On 31 March 2016, Sabre was announced as a participant in WWE's upcoming Global Cruiserweight Series tournament, which was later renamed the "Cruiserweight Classic". His name was taken down shortly after as he would have a qualifying match at Progress Wrestling's Chapter 29 event in London to earn his spot, where he defeated Flash Morgan Webster. On 23 June, Sabre defeated Tyson Dux in his first round match. On 14 July, Sabre defeated Drew Gulak in his second round match. On 26 August, Sabre defeated Noam Dar to advance to the semifinals of the tournament, where he was defeated on 14 September by Gran Metalik. Afterwards, it was reported that Sabre's loss was due to him not agreeing to a contract with WWE unlike the two tournament finalists. He later revealed he turned down the WWE contract to sign for New Japan Pro Wrestling instead.
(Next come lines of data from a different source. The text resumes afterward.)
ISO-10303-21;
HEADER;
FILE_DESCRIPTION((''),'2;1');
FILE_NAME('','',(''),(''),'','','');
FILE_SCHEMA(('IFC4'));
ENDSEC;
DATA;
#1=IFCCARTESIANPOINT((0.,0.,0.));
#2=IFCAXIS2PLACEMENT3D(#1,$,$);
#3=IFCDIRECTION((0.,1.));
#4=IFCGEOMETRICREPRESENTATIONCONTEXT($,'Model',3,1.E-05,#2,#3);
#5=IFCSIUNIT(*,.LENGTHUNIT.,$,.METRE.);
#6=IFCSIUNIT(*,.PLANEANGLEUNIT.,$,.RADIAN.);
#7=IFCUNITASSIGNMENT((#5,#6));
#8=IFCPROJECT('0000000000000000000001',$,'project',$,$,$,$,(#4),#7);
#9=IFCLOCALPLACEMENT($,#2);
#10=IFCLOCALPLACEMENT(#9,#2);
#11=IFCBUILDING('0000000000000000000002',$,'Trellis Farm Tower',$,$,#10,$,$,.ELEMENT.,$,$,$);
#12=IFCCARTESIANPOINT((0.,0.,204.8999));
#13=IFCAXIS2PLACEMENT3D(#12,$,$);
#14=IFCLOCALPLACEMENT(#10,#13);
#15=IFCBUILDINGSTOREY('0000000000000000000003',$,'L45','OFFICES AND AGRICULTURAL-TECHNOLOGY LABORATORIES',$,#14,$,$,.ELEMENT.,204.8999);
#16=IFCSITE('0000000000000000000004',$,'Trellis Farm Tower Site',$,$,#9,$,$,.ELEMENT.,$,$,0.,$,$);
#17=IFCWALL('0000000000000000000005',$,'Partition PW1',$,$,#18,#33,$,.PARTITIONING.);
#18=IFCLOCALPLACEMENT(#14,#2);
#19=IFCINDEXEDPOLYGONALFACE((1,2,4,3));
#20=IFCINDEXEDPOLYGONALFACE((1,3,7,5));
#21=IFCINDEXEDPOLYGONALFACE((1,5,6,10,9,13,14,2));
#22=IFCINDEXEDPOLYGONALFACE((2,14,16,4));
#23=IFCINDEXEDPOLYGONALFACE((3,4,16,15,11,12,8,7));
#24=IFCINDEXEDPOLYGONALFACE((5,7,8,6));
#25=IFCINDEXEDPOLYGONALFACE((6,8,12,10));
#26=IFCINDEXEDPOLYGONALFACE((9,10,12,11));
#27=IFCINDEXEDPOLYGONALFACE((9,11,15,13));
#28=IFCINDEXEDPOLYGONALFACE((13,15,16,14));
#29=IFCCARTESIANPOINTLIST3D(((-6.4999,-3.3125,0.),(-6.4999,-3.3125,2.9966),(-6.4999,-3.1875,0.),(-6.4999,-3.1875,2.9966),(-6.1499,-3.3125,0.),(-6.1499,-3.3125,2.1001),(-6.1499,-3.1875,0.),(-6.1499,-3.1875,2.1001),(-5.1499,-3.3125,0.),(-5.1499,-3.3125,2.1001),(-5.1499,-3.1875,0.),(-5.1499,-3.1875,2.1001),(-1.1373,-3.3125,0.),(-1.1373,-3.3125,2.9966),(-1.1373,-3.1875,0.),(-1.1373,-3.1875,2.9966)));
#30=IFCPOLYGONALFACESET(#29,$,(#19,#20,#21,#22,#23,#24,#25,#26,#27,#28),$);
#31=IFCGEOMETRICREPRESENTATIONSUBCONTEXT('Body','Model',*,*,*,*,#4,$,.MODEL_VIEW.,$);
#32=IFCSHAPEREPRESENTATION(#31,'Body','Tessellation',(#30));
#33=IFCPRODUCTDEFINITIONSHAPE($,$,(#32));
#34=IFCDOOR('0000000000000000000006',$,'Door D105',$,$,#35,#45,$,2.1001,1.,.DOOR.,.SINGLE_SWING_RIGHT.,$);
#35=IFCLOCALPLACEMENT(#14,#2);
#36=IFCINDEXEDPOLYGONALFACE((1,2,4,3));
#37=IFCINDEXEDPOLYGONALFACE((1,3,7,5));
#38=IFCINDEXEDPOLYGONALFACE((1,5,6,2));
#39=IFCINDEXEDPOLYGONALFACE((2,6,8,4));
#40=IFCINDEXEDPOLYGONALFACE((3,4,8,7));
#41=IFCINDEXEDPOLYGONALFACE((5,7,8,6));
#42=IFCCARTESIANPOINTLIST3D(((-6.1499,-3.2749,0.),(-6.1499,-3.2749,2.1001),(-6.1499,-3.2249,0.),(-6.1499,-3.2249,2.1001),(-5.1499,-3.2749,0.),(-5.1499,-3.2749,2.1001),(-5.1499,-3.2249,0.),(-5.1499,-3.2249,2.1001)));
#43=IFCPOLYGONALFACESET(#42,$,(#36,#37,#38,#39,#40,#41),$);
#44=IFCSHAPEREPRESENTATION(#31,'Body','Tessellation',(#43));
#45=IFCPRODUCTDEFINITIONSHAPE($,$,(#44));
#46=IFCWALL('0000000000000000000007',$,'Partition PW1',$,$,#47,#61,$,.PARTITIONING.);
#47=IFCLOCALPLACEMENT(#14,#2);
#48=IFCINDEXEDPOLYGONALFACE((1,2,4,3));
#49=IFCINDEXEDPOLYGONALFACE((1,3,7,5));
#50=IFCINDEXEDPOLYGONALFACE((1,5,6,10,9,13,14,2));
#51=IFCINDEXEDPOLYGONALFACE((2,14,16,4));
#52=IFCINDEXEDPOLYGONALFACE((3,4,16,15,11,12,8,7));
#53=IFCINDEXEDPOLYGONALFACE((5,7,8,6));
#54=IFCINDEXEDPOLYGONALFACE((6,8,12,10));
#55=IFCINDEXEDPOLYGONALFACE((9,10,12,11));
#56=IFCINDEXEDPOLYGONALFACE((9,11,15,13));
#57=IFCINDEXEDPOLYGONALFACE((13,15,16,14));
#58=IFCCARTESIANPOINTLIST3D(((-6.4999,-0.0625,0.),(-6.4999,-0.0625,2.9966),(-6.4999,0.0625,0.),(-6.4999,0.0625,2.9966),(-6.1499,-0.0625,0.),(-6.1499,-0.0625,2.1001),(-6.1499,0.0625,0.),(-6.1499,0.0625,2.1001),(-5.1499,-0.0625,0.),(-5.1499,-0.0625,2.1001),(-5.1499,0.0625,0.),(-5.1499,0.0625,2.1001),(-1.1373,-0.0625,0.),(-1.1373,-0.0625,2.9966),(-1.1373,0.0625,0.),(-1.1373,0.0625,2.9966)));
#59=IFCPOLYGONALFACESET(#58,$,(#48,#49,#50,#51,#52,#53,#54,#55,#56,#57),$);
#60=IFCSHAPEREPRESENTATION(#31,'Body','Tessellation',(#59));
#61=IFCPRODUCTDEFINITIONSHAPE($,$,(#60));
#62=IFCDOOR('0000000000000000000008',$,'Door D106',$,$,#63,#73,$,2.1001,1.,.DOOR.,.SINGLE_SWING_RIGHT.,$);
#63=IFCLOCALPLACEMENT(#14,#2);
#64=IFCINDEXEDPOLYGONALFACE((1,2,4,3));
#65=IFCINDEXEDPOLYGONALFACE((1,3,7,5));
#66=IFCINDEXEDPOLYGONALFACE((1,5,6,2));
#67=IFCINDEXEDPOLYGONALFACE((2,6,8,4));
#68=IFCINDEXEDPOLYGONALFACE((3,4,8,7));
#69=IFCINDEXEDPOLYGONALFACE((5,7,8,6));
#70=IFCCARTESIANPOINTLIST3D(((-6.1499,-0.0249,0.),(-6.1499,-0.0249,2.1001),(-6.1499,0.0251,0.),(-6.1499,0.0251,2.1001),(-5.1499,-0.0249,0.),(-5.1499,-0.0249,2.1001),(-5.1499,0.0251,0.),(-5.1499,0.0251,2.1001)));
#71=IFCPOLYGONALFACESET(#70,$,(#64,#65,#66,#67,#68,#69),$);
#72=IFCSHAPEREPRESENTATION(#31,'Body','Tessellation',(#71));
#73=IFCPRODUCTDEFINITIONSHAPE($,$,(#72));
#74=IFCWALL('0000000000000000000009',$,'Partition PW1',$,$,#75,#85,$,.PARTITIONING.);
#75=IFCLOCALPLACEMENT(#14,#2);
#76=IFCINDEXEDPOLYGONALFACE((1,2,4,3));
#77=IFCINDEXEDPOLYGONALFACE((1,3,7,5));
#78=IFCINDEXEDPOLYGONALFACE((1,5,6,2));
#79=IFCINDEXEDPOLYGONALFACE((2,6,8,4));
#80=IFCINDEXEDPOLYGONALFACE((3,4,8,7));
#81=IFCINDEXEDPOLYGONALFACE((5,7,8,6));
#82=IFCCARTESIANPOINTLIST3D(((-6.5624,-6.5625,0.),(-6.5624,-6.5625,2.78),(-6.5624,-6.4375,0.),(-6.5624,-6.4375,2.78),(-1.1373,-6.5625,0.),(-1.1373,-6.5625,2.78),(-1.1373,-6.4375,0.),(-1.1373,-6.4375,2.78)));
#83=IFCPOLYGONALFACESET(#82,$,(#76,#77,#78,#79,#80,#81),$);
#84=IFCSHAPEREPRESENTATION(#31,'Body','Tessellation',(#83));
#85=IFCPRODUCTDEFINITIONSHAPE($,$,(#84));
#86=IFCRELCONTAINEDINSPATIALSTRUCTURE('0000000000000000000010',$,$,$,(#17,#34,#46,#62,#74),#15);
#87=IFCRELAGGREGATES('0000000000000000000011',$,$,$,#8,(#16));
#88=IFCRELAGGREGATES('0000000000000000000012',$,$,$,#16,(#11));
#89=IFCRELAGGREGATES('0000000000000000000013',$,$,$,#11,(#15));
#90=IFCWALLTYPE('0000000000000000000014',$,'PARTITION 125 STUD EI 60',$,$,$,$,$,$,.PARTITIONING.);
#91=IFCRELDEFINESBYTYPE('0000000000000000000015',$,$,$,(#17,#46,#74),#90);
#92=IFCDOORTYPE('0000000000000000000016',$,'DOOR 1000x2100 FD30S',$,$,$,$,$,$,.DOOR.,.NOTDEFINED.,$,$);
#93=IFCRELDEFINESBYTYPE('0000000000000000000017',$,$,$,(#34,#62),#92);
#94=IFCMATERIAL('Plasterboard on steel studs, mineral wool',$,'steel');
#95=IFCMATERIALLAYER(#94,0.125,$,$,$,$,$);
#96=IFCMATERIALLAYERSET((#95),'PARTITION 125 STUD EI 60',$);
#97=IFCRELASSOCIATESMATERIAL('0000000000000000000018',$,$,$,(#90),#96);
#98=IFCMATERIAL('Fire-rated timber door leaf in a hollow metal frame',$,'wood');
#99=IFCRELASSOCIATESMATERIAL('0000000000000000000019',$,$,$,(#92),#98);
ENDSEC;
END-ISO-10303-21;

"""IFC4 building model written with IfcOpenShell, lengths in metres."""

from ifc_helpers import new_model, si_unit, direction, frame, frame_2d, origin, place, context, subcontext, project, spatial, rectangle, extrude, source, transform, mapped, material, layer, layer_set, type_object, element, fill, save


model = new_model("IFC4")

# Units and contexts
model_context = context("Model", 3, precision=1e-05, world=origin(), true_north=direction((0.0, 1.0)))
body_context = subcontext(model_context, "Body", "Model", "MODEL_VIEW")
ifc_project = project(units=[si_unit("LENGTHUNIT", "METRE"), si_unit("PLANEANGLEUNIT", "RADIAN")], contexts=[model_context])

# Site, building, storey
site_placement = place(None, origin())
site = spatial("IfcSite", under=ifc_project, at=site_placement, Name="Trellis Farm Tower Site", CompositionType="ELEMENT", RefElevation=0.0)
building_placement = place(site_placement, origin())
building = spatial("IfcBuilding", under=site, at=building_placement, Name="Trellis Farm Tower", CompositionType="ELEMENT")
storey_placement = place(building_placement, frame((0.0, 0.0, 204.8999)))
storey = spatial("IfcBuildingStorey", under=building, at=storey_placement, Name="L45", Description="OFFICES AND AGRICULTURAL-TECHNOLOGY LABORATORIES", CompositionType="ELEMENT", Elevation=204.8999)

# Shared definitions
ifc_material_1 = material(Name="Plasterboard on steel studs, mineral wool", Category="steel")
ifc_layer_1 = layer(ifc_material_1, 0.125)
ifc_layer_set_1 = layer_set([ifc_layer_1], Name="PARTITION 125 STUD EI 60")
wall_type = type_object("IfcWallType", Name="PARTITION 125 STUD EI 60", PredefinedType="PARTITIONING", material=ifc_layer_set_1)

# Walls, openings, doors
shared_shape_1 = source(origin(), body_context, "Body", "SweptSolid", [
    extrude(rectangle(XDim=5.3625, YDim=0.125, at=frame_2d((2.6812, 0.0))), origin(), (0.0, 0.0, 1.0), 2.9966),
])
wall_1_placement = place(storey_placement, frame((-1.1375, -3.25, 0.0), z_axis=(0.0, 0.0, 1.0), x_axis=(-1.0, 0.0, 0.0)))
wall_1 = element("IfcWall", 1, at=wall_1_placement, inside=storey, type_object=wall_type, Name="Partition PW1", PredefinedType="PARTITIONING", context=body_context, shape_type="MappedRepresentation", body=[
    mapped(shared_shape_1, transform((0.0, 0.0, 0.0))),
])
shared_shape_2 = source(origin(), body_context, "Body", "SweptSolid", [
    extrude(rectangle(XDim=1.0, YDim=2.1001, at=frame_2d((0.5, 1.05))), frame((0.0, 0.0725, 0.0), z_axis=(0.0, -1.0, 0.0), x_axis=(1.0, 0.0, 0.0)), (0.0, 0.0, 1.0), 0.145),
])
opening_1_placement = place(wall_1_placement, frame((4.0125, 0.0, 0.0)))
opening_1 = element("IfcOpeningElement", 2, at=opening_1_placement, cuts=wall_1, PredefinedType="OPENING", context=body_context, shape_type="MappedRepresentation", body=[
    mapped(shared_shape_2, transform((0.0, 0.0, 0.0))),
])
ifc_material_2 = material(Name="Fire-rated timber door leaf in a hollow metal frame", Category="wood")
door_type = type_object("IfcDoorType", Name="DOOR 1000x2100 FD30S", OperationType="NOTDEFINED", PredefinedType="DOOR", material=ifc_material_2)
shared_shape_3 = source(origin(), body_context, "Body", "SweptSolid", [
    extrude(rectangle(XDim=1.0, YDim=2.1001, at=frame_2d((0.5, 1.05))), frame((0.0, 0.0249, 0.0), z_axis=(0.0, -1.0, 0.0), x_axis=(1.0, 0.0, 0.0)), (0.0, 0.0, 1.0), 0.05),
])
door_1_placement = place(opening_1_placement, origin())
door_1 = element("IfcDoor", 3, at=door_1_placement, inside=storey, type_object=door_type, Name="Door D105", OperationType="SINGLE_SWING_RIGHT", OverallHeight=2.1001, OverallWidth=1.0, PredefinedType="DOOR", context=body_context, shape_type="MappedRepresentation", body=[
    mapped(shared_shape_3, transform((0.0, 0.0, 0.0))),
])
fill(opening_1, door_1)
wall_2_placement = place(storey_placement, frame((-1.1375, 0.0, 0.0), z_axis=(0.0, 0.0, 1.0), x_axis=(-1.0, 0.0, 0.0)))
wall_2 = element("IfcWall", 4, at=wall_2_placement, inside=storey, type_object=wall_type, Name="Partition PW1", PredefinedType="PARTITIONING", context=body_context, shape_type="MappedRepresentation", body=[
    mapped(shared_shape_1, transform((0.0, 0.0, 0.0))),
])
opening_2_placement = place(wall_2_placement, frame((4.0125, 0.0, 0.0)))
opening_2 = element("IfcOpeningElement", 5, at=opening_2_placement, cuts=wall_2, PredefinedType="OPENING", context=body_context, shape_type="MappedRepresentation", body=[
    mapped(shared_shape_2, transform((0.0, 0.0, 0.0))),
])
door_2_placement = place(opening_2_placement, origin())
door_2 = element("IfcDoor", 6, at=door_2_placement, inside=storey, type_object=door_type, Name="Door D106", OperationType="SINGLE_SWING_RIGHT", OverallHeight=2.1001, OverallWidth=1.0, PredefinedType="DOOR", context=body_context, shape_type="MappedRepresentation", body=[
    mapped(shared_shape_3, transform((0.0, 0.0, 0.0))),
])
fill(opening_2, door_2)

# Wall
shared_shape_4 = source(origin(), body_context, "Body", "SweptSolid", [
    extrude(rectangle(XDim=5.425, YDim=0.125, at=frame_2d((2.7124, 0.0))), origin(), (0.0, 0.0, 1.0), 2.78),
])
wall_3_placement = place(storey_placement, frame((-1.1375, -6.5, 0.0), z_axis=(0.0, 0.0, 1.0), x_axis=(-1.0, 0.0, 0.0)))
element("IfcWall", 7, at=wall_3_placement, inside=storey, type_object=wall_type, Name="Partition PW1", PredefinedType="PARTITIONING", context=body_context, shape_type="MappedRepresentation", body=[
    mapped(shared_shape_4, transform((0.0, 0.0, 0.0))),
])

save(model, "model.ifc")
===New Japan Pro-Wrestling (2017–present)===
====Suzuki-gun (2017–2022)====

On 21 February 2017, it was announced that Sabre would be making his debut for New Japan Pro-Wrestling (NJPW) at the promotion's 45th anniversary show on 6 March, where he would challenge Katsuyori Shibata for the RPW British Heavyweight Championship. Sabre won the match with help from Minoru Suzuki and Davey Boy Smith Jr., joining the Suzuki-gun stable in the process. The following day, Sabre pinned NEVER Openweight Champion Hirooki Goto in an eight-man tag team match. This led to Sabre unsuccessfully challenging Goto for the title on 9 April at Sakura Genesis. Sabre was left out of the 2017 Best of the Super Juniors as NJPW had decided to categorise him as a heavyweight wrestler going forward. Instead, he was announced for NJPW's premier singles tournament, the 2017 G1 Climax. Prior to the G1 Climax, Sabre took part in a tournament to crown the inaugural IWGP United States Heavyweight Championship at G1 Special in USA, where he made it to the semifinals, before losing to Tomohiro Ishii. On 17 July, Sabre scored a major win in his first G1 Climax match by submitting the reigning IWGP Intercontinental Champion Hiroshi Tanahashi. Sabre went on to finish the tournament with a record of five wins and four losses, failing to advance to the finals. On 16 September at Destruction in Hiroshima, Sabre failed in his attempt to capture the Intercontinental Championship from Tanahashi.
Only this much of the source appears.